That is one of the nicest pens I have seen. Great work on that one. I checked your site. Other great looking pens there. You have a PM


----------



## Rifleman1776

Keith, very beautiful pen.

Grizz, "pale white"????

pipecrafter "shiny oak tree"???

Enneyhow, for those who have experience turning this material please explain your technique. Some say to turn slow. I don't know if they mean with patience or slow lathe speed.
Methinks that high speed, sharp tools, light touch and much patience would be required. I dunno, never tried this material. I do have another alt ivory material I'm about to turn. It might be easier. But, it may be harder. We will see.


----------



## ed4copies

Well, the show is set up. So, I am back here today.

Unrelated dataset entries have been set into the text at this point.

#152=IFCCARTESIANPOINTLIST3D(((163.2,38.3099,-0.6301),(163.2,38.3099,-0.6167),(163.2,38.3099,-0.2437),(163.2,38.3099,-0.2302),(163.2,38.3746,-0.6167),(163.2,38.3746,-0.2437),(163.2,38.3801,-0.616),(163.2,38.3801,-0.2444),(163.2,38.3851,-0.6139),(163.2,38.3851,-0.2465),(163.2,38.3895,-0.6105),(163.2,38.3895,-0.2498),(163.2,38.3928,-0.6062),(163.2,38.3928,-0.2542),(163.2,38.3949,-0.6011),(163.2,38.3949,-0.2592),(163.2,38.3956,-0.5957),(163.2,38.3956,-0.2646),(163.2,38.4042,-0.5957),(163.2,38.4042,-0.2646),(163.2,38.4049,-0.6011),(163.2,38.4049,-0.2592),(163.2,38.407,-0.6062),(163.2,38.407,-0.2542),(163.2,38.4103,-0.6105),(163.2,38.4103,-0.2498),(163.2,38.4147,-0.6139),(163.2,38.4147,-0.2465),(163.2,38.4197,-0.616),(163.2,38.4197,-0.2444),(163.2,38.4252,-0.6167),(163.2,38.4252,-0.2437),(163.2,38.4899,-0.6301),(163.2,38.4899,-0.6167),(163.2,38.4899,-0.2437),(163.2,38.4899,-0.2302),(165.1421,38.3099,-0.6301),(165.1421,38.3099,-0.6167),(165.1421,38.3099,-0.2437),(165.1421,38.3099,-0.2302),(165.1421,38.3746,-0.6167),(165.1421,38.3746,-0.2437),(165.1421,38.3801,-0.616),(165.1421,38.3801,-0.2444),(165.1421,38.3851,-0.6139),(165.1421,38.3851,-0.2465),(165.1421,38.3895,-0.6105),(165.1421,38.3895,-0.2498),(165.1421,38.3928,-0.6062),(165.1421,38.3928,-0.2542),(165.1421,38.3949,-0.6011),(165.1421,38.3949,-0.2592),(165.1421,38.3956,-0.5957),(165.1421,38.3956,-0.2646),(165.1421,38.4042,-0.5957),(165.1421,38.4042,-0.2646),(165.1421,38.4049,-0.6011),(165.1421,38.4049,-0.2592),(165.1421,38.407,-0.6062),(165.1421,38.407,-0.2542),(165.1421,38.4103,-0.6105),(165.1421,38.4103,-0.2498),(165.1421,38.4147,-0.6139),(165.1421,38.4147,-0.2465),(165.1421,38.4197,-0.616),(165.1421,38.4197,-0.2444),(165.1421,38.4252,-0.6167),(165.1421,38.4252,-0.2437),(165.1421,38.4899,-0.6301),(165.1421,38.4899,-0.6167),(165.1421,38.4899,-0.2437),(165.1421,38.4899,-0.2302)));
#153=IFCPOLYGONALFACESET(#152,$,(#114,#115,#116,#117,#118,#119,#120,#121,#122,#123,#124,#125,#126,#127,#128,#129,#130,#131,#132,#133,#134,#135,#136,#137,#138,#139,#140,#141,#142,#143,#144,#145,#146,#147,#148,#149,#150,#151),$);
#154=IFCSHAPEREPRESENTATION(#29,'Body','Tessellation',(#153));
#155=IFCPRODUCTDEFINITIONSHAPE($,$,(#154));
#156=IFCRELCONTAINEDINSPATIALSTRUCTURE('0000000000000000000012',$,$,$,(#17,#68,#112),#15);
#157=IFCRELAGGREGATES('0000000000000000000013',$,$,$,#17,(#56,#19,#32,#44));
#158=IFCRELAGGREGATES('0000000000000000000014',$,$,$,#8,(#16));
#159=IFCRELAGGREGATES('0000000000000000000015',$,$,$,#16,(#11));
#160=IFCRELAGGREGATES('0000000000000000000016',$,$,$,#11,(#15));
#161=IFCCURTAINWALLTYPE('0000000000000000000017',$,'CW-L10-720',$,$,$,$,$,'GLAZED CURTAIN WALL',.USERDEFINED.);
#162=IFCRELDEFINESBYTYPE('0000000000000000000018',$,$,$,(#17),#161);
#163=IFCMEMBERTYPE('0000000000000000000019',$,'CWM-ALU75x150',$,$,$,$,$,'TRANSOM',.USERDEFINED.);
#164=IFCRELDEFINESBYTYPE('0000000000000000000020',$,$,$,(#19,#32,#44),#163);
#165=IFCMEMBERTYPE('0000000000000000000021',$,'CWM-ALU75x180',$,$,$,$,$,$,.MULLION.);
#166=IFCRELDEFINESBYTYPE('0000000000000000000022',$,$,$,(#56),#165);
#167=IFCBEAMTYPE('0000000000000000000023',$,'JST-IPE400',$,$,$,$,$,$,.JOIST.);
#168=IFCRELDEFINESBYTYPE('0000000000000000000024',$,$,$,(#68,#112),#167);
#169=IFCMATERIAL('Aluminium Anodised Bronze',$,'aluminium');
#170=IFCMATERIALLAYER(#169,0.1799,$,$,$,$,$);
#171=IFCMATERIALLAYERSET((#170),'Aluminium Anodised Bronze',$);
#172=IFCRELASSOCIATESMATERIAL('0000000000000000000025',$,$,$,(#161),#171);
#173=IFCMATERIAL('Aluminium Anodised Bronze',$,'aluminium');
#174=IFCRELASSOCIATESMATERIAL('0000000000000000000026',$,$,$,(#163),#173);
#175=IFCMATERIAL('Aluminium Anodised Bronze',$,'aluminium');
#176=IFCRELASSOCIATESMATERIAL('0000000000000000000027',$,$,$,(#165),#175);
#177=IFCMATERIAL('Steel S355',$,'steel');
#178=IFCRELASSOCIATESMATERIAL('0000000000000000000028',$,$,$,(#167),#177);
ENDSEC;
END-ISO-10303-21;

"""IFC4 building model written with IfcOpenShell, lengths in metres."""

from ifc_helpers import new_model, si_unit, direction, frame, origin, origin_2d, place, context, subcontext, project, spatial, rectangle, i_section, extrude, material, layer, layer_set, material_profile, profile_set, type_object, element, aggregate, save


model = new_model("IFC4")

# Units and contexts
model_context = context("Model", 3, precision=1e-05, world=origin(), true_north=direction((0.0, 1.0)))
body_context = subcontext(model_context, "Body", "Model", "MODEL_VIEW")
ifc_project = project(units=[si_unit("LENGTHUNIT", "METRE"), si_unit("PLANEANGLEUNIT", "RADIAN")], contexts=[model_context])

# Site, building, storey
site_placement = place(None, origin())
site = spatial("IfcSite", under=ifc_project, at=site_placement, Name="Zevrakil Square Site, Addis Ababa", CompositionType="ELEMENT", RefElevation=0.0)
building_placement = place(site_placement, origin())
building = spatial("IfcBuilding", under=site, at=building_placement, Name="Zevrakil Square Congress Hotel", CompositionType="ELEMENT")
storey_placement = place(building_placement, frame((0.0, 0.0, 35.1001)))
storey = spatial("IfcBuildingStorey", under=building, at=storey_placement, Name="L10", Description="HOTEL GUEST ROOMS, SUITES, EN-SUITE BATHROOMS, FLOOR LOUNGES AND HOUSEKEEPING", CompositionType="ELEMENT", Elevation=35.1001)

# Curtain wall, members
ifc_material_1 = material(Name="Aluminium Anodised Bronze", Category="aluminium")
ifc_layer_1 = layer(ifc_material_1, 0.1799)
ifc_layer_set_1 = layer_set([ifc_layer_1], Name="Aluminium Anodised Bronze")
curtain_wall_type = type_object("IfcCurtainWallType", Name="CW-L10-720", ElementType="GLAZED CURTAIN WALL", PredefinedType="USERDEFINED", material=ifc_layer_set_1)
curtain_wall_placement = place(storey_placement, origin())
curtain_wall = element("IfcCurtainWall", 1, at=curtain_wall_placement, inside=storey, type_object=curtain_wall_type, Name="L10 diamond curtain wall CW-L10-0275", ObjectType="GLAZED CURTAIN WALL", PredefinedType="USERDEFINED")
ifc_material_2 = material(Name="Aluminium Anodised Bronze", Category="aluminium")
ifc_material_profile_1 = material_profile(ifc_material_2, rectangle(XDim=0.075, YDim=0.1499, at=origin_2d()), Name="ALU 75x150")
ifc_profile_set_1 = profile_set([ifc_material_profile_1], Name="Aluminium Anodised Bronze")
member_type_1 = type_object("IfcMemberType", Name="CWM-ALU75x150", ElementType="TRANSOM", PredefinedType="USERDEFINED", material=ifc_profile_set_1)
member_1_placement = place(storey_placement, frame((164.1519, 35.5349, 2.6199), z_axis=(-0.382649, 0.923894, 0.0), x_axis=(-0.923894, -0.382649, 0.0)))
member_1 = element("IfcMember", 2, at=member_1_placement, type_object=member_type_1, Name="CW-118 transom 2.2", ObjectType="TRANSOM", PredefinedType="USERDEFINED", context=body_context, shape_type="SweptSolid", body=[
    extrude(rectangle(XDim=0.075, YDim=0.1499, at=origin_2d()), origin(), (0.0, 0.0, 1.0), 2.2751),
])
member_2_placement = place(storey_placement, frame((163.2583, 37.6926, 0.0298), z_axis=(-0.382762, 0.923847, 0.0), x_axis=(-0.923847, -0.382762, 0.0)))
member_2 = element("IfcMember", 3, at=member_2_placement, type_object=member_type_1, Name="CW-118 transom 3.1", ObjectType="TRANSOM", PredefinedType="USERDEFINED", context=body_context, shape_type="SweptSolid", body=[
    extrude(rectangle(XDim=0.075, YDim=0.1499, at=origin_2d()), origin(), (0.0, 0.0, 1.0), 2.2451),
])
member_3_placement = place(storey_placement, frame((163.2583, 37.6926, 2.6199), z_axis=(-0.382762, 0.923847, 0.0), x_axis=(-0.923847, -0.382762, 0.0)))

Alternative Ivory is made by one company. We (CSUSA, me, AS, etc) all sell the same stuff. 

There is no better teacher than experience. I turn it all the time. My lathe is an old Delta that can barely muster 2600 RPM at top speed. I turn ABSOLUTELY EVERYTHING at that speed. I just turned 20 alternative ivory pieces to 0.5", then put them (one at a time) on the Pen Wizard, made my patterns and filled, then turned them again to the size of a Sierra. NO PROBLEM!!

Yes, I messed up some when I was learning. NO, I can't make YOU turn the same as I do. I have made a couple short videos last weekend to try my new camera, they went well. So, I WILL make a video next week (working the show this weekend). HOWEVER, I can HEAR plastics, I FEEL plastics, my fingers can tell me if a blank is about to break. I CAN'T GIVE that to you, you have to EARN it. 

Soon, Dawn will be selling "practice blanks" on her new website. I recommend using them. IF they come out ok, they will make a nice pen. IF you break them, cost is minimal.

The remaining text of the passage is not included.